The TCSD was established about eight years ago, it’s only been online for about five years. All this allegedly occurred under the aegis of Goochland County. There is so little documentation of basic items like water meters and fire hydrants that a process referred to by Charles as “data mining” is being employed to figure out what is going on.

There does not seem to be a complete inventory of easements. This gives credence to rumors that some people donated easements for water and sewer trunk lines to cross their property and others were paid.

There was an assumption that landowners in the TCSD would donate easements to help keep costs down, which in turn would eventually lead to lower ad valorem taxes. Apparently that was just a rumor. Landowners who did connect to the TCSD found the experience expensive, insulting and aggravating.

On Charles’ to do list is the need to establish a fire hydrant program with the fire department. Some hydrants put in when the water lines were installed are vey hard to access. There have been reports of that at least one county volunteer firefighter was injured while attempting to access a hydrant while fighting a fire. Why wasn’t the fire-rescue department included in the design process for the water lines?

There were no schedules for routine maintenance of the system nor any costs built into rates to pay for upkeep. Pumps, meters and pipes have a useful life, which can be extended by good maintenance practices. Did the designers of the TCSD believe it would run forever or did they expect the world to end before something broke?

That’s just the nuts and bolts side of the mess.

The financing is yet another excursion into the wonderful word of smoke and mirrors.

When the TCSD was established, there was much discussion of the $63 million Virginia Resource Authority bond issue. That amount included a $6 million arbitrage account that was invested and its interest used as a cushion to ensure the county was able to meet its debt obligation. Although some landowners in the TCSD were told that the ad valorem tax would be around 15 cents per hundred, it was imposed in 2003 at 50 cents. The rate came down as assessments soared.

The repayment schedule was steeply back loaded so that payments starts out relatively small and increase over the life of the debt.

Wack said that he had never seen what Pruitt termed a “debt scheme” structured that way. Wack said that the repayment schedule seemed to have been based on the assumption that property values would increase dramatically over the life of the debt. The annual debt service for the TCSD bonds will increase from its current rate of under $3 million to nearly $6 million by FY 2018.

That’s only part of the fiscal liability picture.

As part of the TCSD, the county entered into a wastewater agreement with the City of Richmond, above and beyond the VRA debt, for $21.3 million. This debt was to be retired through charges included in sewer rates.

The projections for the number of sewer customers were undoubtedly compiled by Rosy Scenario. Unfortunately, the number of customers is so far below expectations that none of the debt has been paid in the five years that the TCSD has been online. Hence the need for hefty rate increases.

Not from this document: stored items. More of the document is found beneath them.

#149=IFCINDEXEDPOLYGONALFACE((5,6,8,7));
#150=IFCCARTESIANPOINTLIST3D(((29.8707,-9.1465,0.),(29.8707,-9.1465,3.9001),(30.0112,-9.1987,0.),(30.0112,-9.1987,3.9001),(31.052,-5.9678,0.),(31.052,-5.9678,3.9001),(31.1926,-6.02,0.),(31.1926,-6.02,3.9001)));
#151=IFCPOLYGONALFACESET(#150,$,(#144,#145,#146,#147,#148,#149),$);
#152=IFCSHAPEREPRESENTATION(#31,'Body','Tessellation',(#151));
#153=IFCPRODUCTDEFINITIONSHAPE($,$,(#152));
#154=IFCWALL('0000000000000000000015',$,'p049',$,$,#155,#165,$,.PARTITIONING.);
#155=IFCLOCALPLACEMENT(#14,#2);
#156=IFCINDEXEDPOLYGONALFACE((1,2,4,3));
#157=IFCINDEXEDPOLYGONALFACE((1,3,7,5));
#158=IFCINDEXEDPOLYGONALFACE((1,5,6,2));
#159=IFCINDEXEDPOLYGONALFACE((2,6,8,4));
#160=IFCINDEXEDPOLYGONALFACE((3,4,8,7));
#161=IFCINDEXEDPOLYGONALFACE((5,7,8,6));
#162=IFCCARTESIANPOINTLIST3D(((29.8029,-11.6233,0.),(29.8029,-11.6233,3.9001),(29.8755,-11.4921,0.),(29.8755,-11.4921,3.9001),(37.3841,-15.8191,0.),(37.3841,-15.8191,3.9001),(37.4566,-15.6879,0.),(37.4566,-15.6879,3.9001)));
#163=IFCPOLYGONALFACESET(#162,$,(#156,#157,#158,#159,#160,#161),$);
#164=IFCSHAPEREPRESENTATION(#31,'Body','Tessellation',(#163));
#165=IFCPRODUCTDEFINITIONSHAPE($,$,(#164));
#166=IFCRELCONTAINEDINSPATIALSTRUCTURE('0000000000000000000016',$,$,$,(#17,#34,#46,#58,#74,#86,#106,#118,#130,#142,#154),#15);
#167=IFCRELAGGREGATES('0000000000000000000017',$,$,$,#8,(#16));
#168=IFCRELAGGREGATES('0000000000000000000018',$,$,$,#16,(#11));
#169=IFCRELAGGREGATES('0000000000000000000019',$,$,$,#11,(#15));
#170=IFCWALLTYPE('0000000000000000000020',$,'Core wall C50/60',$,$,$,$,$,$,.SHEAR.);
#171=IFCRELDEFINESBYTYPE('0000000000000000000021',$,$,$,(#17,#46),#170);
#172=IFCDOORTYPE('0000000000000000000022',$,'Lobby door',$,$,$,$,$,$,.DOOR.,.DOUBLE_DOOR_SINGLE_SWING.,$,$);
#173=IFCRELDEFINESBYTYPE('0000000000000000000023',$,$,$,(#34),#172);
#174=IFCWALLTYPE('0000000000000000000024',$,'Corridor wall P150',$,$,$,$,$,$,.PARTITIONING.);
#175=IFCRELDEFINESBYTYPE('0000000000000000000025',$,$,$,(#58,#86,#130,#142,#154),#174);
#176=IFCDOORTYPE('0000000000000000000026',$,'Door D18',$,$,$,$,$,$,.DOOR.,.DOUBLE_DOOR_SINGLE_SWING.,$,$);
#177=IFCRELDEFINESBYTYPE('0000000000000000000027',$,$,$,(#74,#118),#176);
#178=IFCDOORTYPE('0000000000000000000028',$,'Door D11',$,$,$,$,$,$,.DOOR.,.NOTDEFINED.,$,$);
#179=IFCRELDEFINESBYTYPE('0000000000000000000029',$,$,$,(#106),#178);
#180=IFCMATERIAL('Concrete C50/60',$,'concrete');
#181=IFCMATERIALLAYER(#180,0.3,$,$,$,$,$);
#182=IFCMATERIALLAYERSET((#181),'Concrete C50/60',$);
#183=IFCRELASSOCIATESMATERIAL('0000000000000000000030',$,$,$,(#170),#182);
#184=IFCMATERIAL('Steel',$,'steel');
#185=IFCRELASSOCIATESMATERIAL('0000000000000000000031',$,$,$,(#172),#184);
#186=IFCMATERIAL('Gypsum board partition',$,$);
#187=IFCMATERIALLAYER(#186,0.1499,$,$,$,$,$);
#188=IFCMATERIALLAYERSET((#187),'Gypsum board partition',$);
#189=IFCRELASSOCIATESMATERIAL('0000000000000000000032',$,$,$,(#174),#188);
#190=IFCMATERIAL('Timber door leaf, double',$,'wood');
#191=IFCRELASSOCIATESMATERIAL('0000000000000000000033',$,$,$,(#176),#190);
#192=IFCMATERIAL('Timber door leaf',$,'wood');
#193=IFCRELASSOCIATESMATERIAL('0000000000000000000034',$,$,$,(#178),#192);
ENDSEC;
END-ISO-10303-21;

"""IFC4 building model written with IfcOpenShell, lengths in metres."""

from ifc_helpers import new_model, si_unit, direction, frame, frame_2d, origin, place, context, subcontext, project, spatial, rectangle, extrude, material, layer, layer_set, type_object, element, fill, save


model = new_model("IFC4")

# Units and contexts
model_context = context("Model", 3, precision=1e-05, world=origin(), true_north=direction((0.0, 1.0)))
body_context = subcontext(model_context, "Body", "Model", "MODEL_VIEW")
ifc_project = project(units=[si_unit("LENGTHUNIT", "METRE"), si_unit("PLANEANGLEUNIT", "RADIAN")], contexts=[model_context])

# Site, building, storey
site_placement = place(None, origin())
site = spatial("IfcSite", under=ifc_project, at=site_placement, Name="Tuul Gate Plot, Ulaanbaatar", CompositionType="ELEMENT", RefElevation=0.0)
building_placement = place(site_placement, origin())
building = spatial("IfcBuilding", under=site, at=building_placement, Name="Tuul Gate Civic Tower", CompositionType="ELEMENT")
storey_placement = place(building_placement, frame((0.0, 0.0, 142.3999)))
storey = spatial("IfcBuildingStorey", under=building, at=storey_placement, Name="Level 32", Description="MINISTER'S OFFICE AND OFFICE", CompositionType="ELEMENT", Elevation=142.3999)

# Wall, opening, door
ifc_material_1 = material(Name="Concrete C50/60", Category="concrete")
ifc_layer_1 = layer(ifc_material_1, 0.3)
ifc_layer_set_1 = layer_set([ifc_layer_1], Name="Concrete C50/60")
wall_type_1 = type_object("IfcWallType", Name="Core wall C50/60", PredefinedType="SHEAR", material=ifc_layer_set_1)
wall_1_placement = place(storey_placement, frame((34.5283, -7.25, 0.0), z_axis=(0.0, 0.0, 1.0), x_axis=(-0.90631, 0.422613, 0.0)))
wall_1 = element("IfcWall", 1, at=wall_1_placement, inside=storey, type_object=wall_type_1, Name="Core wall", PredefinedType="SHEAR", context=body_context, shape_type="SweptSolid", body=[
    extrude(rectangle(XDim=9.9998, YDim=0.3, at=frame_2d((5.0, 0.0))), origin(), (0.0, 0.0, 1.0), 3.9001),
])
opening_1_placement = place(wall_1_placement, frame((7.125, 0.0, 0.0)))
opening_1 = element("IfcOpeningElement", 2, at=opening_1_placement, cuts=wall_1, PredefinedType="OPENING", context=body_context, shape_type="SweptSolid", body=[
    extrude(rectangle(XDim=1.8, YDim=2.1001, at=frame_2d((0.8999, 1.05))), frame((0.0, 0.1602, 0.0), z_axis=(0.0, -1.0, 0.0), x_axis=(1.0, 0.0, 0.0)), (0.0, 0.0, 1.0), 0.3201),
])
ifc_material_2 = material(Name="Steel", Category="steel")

Henrico has been sending some wastewater through the TCSD pump station located on the north side of Rt. 6 just west of the Henrico county line for several years. The user fees that they paid Goochland pretty much paid for the chemicals that control odors.

That arrangement, which was in effect while a new Henrico facility could be completed, will end in the near future further reducing the wastewater revenue stream.

Charles said that no one really knows if the eventual end of Henrico’s use of the TCSD pump station was part of the initial assumptions used to establish TCSD sewage rates.

Wack said that he discovered some indication of plans for incremental increases in sewerage rates, but there was only one rate increase since the inception of the system.

As sold to the public, the TCSD was supposed to be self- sustaining through ad valorem tax, connection and usage fees. The mantra “those who benefit from the TCSD will pay for it” was heard often. That was at best an exaggeration, at worst, a lie.

So far, the county’s general fund loaned the TCSD close to $5 million. Of that only the most recent loan, about $3 million to build a water line in Henrico County pays interest to the taxpayers of Goochland.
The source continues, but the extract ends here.